Fundamental analysis uses economic, political and environmental data to forecast future price movements, while technically derived predictions rely upon price patterns and changes in market volume. Commodity traders often use "the technicals" as well as fundamentals when making market decisions.
It should come as no surprise, then, that HAI articles cite metrics from both disciplines to present a broader perspective on a market's potential for consolidation or breakthrough.
The price charts that accompany many of our articles often include some of these technical indicators. Take, for example, the chart for August gold below (current as of June 22), showing three technical indicators: MACD, RSI and volume.

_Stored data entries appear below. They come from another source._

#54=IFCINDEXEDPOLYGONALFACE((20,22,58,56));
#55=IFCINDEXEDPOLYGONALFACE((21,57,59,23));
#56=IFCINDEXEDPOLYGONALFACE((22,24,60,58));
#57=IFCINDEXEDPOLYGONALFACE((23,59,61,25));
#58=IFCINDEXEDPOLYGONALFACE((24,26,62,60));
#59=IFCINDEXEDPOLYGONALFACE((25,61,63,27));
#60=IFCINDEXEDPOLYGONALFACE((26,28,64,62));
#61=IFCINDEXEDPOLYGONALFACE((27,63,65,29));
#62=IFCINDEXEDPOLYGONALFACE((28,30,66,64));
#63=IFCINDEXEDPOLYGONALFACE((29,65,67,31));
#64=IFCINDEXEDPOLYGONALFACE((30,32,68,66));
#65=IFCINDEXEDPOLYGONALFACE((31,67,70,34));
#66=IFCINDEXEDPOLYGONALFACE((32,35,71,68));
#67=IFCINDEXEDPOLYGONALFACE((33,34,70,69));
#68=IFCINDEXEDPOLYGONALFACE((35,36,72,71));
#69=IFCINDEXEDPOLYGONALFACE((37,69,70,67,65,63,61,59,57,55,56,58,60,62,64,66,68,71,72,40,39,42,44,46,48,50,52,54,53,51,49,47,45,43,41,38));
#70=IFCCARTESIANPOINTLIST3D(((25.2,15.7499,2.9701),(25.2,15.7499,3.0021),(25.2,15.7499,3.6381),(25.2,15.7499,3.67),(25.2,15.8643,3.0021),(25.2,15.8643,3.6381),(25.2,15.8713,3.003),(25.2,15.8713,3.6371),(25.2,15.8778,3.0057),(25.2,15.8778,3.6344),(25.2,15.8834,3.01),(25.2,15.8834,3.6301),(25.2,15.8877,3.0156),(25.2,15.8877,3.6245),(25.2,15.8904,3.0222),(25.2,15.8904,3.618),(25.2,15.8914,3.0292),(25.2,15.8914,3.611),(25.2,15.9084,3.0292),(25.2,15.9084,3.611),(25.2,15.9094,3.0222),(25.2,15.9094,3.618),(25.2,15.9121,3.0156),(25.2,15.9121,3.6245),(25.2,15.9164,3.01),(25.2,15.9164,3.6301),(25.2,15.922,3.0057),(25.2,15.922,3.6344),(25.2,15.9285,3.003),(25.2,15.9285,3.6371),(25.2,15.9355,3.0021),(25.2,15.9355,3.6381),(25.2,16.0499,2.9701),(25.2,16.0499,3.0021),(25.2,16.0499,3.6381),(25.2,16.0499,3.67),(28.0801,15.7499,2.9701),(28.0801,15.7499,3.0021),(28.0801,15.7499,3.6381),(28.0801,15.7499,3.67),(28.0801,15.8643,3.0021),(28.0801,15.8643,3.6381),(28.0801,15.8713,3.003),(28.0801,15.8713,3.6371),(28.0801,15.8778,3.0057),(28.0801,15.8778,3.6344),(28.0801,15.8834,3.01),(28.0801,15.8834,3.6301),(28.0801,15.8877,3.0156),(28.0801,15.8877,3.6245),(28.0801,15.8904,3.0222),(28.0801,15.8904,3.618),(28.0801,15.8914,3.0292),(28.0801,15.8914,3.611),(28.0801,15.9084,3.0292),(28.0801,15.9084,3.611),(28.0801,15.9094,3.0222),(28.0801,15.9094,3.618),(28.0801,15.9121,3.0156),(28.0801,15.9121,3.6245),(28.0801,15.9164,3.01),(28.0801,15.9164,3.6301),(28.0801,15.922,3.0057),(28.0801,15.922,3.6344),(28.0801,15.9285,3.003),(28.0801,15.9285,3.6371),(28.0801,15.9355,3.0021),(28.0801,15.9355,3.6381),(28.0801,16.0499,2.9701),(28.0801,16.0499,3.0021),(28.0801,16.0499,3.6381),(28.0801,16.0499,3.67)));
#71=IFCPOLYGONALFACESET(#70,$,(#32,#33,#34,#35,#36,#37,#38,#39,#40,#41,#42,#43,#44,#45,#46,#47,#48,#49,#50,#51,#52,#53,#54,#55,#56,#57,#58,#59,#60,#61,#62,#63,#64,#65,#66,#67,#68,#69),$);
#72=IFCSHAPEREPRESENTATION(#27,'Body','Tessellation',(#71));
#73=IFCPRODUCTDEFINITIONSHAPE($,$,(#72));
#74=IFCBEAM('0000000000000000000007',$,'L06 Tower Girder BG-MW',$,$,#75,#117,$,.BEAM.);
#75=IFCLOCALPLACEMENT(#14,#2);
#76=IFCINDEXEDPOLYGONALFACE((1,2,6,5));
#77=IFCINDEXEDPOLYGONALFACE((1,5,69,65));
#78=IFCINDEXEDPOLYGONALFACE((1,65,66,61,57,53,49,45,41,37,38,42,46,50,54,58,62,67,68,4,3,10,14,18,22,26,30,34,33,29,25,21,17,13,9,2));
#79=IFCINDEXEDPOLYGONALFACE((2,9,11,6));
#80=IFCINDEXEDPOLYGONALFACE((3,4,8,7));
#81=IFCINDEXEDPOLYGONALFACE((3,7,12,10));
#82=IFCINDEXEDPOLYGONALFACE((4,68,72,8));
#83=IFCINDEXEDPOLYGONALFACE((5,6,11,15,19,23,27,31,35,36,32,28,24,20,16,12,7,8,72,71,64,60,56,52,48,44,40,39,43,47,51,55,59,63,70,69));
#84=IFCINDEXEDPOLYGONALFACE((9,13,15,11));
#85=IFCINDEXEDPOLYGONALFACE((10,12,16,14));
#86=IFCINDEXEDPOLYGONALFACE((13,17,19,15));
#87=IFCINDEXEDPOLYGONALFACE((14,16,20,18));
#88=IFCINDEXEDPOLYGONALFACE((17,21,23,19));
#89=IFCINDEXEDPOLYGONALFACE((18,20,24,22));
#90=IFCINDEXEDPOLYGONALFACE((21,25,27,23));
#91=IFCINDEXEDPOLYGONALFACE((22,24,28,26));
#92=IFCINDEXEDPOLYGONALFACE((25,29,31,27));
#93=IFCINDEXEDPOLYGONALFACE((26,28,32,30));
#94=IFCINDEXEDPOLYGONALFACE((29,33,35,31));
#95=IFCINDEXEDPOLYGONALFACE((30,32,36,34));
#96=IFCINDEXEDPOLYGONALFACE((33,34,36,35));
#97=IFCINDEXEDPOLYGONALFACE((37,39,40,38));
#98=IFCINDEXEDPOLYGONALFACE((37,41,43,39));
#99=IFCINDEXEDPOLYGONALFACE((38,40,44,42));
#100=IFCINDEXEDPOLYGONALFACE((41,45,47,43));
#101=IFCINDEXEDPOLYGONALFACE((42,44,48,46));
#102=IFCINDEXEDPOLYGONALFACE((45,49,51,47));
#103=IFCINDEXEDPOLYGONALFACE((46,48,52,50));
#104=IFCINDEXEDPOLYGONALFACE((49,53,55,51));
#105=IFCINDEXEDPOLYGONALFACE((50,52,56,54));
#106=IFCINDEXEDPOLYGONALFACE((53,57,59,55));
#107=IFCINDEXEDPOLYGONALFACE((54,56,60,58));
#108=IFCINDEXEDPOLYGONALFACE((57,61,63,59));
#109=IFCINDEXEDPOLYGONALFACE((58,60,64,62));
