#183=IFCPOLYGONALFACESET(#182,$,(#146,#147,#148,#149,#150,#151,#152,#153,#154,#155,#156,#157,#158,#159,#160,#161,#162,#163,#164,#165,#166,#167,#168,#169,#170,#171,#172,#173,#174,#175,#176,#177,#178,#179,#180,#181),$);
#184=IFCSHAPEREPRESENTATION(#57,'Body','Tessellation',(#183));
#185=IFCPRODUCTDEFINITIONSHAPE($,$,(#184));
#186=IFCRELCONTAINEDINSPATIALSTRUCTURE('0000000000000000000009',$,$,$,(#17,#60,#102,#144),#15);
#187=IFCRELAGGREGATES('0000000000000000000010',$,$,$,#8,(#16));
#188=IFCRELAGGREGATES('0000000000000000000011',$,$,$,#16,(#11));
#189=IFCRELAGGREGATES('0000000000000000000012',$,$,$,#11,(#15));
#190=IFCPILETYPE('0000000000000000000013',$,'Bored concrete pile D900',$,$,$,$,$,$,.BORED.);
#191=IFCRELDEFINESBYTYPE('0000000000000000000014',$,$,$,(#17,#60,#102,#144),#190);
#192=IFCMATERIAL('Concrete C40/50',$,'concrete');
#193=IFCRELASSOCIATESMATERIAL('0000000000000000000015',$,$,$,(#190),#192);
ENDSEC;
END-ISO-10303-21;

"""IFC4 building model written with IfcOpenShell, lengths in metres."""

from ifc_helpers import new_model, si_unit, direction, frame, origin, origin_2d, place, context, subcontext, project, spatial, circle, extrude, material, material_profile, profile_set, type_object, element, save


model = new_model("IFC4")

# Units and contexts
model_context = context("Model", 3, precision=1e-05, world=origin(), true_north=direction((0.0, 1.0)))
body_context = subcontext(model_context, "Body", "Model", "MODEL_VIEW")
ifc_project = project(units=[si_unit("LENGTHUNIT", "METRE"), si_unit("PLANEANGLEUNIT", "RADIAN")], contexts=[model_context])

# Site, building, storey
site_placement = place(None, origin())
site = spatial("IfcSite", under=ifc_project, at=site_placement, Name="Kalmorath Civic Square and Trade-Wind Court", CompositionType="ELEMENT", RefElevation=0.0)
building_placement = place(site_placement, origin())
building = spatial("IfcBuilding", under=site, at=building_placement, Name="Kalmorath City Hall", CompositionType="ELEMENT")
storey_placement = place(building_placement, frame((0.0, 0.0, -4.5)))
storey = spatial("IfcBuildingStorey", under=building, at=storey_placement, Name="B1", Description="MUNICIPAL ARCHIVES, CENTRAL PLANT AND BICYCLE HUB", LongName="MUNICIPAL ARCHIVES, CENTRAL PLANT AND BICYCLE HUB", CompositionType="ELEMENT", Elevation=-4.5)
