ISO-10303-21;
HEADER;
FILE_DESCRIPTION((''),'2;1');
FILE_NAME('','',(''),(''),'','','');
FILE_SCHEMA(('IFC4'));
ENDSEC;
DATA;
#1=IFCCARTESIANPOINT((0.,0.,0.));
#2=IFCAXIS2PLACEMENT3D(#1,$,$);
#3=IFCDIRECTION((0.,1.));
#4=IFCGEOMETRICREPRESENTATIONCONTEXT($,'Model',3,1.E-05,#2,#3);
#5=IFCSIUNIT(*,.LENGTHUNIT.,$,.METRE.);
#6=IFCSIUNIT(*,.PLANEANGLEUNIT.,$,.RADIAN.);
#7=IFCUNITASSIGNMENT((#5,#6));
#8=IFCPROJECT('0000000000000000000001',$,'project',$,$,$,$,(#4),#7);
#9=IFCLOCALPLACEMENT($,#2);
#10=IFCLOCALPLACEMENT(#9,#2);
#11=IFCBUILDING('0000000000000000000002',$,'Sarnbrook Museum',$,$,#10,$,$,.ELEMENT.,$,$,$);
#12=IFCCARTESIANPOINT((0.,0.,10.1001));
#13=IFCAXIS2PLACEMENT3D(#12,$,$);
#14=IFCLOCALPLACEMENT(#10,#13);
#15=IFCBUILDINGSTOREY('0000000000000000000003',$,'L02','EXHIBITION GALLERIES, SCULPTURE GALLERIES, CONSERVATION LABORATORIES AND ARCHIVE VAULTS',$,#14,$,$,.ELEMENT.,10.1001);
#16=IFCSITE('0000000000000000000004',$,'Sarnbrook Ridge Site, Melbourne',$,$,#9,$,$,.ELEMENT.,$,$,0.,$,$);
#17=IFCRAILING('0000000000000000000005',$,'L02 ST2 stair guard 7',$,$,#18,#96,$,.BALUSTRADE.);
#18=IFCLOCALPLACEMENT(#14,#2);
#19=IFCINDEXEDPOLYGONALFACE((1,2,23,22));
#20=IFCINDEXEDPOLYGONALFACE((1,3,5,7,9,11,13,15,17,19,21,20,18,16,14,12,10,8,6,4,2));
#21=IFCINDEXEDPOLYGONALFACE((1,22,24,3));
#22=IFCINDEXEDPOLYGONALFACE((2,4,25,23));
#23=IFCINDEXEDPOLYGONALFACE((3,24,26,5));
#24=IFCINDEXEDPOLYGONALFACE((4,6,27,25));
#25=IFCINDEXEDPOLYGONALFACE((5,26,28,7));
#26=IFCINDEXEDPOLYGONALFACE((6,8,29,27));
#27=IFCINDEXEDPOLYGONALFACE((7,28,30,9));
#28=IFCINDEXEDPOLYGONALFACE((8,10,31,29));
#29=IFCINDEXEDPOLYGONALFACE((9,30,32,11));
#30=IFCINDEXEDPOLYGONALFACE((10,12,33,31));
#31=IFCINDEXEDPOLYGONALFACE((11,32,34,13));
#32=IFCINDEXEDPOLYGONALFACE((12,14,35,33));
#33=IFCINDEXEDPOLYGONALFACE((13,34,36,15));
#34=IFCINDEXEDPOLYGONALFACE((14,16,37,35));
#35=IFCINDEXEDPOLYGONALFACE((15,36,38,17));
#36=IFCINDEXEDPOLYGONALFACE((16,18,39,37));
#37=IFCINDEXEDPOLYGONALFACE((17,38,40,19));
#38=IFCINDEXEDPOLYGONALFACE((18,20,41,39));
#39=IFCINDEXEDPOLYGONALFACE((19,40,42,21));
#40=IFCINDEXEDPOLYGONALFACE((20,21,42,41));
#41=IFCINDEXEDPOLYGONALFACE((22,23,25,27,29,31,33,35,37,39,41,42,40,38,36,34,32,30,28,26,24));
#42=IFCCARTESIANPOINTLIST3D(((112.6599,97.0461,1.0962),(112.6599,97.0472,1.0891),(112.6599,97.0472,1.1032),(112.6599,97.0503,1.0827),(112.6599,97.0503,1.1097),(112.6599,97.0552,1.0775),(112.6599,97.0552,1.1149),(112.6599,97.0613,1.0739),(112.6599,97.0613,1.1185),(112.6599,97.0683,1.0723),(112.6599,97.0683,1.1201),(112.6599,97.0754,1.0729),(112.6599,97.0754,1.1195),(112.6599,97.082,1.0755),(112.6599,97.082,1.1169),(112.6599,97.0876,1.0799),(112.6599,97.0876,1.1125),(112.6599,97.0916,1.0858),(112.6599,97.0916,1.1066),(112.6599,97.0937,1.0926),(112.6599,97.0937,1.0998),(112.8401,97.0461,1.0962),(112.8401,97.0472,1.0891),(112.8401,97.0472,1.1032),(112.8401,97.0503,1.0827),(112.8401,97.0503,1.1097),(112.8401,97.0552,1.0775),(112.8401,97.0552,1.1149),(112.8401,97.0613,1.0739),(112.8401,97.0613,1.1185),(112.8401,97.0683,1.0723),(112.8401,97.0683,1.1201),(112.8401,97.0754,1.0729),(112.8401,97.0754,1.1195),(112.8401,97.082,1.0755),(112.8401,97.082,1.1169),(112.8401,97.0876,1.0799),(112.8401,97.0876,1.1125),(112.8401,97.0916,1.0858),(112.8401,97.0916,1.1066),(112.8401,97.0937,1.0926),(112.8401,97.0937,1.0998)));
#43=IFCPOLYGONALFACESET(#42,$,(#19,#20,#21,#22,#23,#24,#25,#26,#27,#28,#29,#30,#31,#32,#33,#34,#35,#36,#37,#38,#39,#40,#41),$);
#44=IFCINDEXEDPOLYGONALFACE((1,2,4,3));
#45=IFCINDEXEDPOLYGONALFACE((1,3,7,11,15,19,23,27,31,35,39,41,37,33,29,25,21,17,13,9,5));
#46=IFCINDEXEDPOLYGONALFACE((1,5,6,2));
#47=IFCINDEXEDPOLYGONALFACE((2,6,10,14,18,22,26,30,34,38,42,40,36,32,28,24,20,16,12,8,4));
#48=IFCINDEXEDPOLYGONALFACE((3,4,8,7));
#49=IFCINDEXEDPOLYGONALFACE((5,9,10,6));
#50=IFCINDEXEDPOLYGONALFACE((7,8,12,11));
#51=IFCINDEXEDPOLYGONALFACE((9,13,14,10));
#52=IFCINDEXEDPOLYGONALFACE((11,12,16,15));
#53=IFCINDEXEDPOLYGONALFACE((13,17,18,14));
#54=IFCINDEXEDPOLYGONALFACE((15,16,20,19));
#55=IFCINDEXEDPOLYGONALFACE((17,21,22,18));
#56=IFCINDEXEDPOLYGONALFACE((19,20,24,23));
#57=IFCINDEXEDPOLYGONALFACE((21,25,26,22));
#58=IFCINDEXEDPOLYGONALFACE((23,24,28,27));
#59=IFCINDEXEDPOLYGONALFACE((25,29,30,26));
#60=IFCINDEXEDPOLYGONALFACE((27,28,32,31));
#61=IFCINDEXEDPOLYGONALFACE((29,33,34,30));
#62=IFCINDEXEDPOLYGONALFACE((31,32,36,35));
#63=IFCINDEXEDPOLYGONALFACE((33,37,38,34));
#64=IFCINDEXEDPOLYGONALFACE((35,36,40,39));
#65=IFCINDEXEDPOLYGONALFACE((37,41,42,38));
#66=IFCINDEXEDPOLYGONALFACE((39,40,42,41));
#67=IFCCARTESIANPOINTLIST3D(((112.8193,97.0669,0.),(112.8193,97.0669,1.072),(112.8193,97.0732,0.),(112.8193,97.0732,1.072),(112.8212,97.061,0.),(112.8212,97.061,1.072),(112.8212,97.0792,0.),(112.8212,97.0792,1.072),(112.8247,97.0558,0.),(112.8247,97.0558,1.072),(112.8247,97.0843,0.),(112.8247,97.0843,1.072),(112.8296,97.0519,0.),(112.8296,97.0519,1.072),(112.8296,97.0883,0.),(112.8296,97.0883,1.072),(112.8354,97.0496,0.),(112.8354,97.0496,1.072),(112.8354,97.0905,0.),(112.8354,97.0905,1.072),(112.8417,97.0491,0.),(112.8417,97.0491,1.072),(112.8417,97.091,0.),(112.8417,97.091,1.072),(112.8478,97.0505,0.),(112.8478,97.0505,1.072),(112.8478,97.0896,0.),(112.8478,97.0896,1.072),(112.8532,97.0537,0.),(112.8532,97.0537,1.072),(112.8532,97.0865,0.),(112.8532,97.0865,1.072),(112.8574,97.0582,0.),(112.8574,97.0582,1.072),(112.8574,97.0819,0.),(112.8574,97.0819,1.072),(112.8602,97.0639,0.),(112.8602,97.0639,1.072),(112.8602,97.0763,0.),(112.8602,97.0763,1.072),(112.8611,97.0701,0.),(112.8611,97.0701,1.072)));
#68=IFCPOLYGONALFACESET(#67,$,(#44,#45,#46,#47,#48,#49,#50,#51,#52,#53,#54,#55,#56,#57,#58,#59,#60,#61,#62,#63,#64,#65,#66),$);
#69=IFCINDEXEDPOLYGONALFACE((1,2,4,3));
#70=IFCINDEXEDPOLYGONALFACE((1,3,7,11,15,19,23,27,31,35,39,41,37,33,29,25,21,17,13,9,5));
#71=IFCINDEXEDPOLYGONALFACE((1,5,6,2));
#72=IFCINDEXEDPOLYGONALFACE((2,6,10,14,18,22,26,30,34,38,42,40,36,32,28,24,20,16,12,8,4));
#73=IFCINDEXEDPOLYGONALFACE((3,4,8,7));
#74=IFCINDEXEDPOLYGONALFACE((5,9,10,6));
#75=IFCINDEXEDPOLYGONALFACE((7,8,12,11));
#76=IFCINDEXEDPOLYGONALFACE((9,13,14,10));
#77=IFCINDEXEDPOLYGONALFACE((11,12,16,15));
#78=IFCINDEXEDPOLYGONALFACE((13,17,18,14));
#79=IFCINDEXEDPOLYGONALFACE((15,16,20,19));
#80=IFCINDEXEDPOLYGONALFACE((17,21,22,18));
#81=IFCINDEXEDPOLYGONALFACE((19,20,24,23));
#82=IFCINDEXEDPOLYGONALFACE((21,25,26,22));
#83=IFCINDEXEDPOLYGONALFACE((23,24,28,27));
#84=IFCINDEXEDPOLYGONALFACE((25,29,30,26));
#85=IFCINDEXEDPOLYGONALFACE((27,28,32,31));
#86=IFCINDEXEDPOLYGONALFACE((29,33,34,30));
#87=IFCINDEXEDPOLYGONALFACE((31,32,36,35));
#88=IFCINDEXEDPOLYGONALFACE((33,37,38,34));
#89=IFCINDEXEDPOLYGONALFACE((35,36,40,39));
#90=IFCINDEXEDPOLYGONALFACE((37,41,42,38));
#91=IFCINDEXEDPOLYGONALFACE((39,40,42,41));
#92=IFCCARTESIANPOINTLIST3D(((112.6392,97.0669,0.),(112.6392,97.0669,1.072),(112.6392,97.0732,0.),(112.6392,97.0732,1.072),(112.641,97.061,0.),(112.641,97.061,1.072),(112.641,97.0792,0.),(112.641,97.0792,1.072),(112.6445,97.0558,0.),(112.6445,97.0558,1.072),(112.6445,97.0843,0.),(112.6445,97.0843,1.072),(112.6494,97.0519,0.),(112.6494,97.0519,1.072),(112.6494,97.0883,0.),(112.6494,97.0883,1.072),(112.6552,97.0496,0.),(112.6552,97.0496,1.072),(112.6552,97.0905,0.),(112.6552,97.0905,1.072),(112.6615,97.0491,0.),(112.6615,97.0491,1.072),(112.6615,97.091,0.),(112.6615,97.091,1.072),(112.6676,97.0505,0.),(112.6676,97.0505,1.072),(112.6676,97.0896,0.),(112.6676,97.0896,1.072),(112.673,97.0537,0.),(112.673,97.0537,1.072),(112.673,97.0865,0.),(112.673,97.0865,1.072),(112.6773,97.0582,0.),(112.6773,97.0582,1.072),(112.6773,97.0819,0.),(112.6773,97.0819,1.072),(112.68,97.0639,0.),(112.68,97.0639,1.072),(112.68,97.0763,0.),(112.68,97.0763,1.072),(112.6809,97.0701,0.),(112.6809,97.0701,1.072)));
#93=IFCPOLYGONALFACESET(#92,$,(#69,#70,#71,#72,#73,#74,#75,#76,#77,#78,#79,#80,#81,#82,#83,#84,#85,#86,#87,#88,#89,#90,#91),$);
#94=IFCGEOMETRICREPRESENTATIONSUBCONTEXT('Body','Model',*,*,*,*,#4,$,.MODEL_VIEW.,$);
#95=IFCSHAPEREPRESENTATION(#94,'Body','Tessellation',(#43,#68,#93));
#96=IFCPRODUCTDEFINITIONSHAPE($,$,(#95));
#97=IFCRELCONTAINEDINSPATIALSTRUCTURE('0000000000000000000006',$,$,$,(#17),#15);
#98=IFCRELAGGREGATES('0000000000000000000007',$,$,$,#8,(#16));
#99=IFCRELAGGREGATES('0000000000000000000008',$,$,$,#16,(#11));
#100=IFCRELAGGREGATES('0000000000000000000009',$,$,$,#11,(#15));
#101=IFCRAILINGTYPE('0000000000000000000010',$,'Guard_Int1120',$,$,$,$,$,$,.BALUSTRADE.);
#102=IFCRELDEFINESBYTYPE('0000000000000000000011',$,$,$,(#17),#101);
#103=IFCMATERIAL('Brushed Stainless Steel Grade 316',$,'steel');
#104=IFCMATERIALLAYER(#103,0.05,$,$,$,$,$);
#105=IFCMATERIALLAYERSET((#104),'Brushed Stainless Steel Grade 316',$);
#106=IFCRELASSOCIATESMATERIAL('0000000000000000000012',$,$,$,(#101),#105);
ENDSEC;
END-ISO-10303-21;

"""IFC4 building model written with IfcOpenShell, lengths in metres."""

from ifc_helpers import new_model, si_unit, direction, frame, origin, origin_2d, place, context, subcontext, project, spatial, circle, extrude, material, layer, layer_set, type_object, element, save


model = new_model("IFC4")

# Units and contexts
model_context = context("Model", 3, precision=1e-05, world=origin(), true_north=direction((0.0, 1.0)))
body_context = subcontext(model_context, "Body", "Model", "MODEL_VIEW")
ifc_project = project(units=[si_unit("LENGTHUNIT", "METRE"), si_unit("PLANEANGLEUNIT", "RADIAN")], contexts=[model_context])

# Site, building, storey
site_placement = place(None, origin())
site = spatial("IfcSite", under=ifc_project, at=site_placement, Name="Sarnbrook Ridge Site, Melbourne", CompositionType="ELEMENT", RefElevation=0.0)
building_placement = place(site_placement, origin())
building = spatial("IfcBuilding", under=site, at=building_placement, Name="Sarnbrook Museum", CompositionType="ELEMENT")
storey_placement = place(building_placement, frame((0.0, 0.0, 10.1001)))
storey = spatial("IfcBuildingStorey", under=building, at=storey_placement, Name="L02", Description="EXHIBITION GALLERIES, SCULPTURE GALLERIES, CONSERVATION LABORATORIES AND ARCHIVE VAULTS", CompositionType="ELEMENT", Elevation=10.1001)

# Shared definitions
ifc_material_1 = material(Name="Brushed Stainless Steel Grade 316", Category="steel")

# Railing
ifc_layer_1 = layer(ifc_material_1, 0.05)
ifc_layer_set_1 = layer_set([ifc_layer_1], Name="Brushed Stainless Steel Grade 316")
railing_type_1 = type_object("IfcRailingType", Name="Guard_Int1120", PredefinedType="BALUSTRADE", material=ifc_layer_set_1)
railing_1_placement = place(storey_placement, frame((112.8401, 97.0701, 0.0)))
element("IfcRailing", 1, at=railing_1_placement, inside=storey, type_object=railing_type_1, Name="L02 ST2 stair guard 7", PredefinedType="BALUSTRADE", context=body_context, shape_type="SweptSolid", body=[
    extrude(circle(Radius=0.0239, at=origin_2d()), frame((0.0, 0.0, 1.0962), z_axis=(-1.0, 0.0, 0.0), x_axis=(0.0, -1.0, 0.0)), (0.0, 0.0, 1.0), 0.1802),
    extrude(circle(Radius=0.021, at=origin_2d()), origin(), (0.0, 0.0, 1.0), 1.072),
    extrude(circle(Radius=0.021, at=origin_2d()), frame((-0.1802, 0.0, 0.0)), (0.0, 0.0, 1.0), 1.072),
])

save(model, "model.ifc")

COMEX/NYMEX Gold (Aug. '09)

Just what are these indicators? What do they purport to show? And why should anyone pay attention to them anyway?
Relative Strength Index (RSI)
Let's first look at RSI, or the Relative Strength Index. RSI assesses the strength of a commodity's price trend by comparing the string of "up" closes to the number of "down" closes over a specific period. RSI values charted for HAI articles are based upon a 14-day history and range between 0 and 100.
On the chart, lines are drawn at the 20 and 80 RSI levels to indicate the thresholds where the market may be overbought (≥ 80) or oversold (≤ 20). A top is indicated when RSI peaks through the 80 level and arcs lower; similarly, a bottom is signaled by a trough under the 20 level.
The RSI for August gold charted above is 40.36, neither overbought nor oversold, but clearly trending downward from the early June peak near 80.
It's important to keep in mind that RSI vacillations aren't stand-alone indicators. Like lab tests ordered by your doctor, they can be used to confirm findings made elsewhere or point to areas for further investigation. RSI analysis provides only one indicator of topping or bottoming; further evidence can be found in a commodity's price history and/or other technical indicators.
That said, technically oriented traders look for the same type of patterns in the RSI chart as they see in the daily price bar chart - head-and-shoulder formations, double/triple tops and bottoms, pennants and flags, etc. Often, these patterns are more obvious on the RSI chart than in the bar chart of prices.
Divergences between movements in the price chart and the RSI arc are typically taken as strong indications of market turning points. The end of an uptrend, for example, may be signaled when new highs are scored on the bar chart, but not on the RSI scale.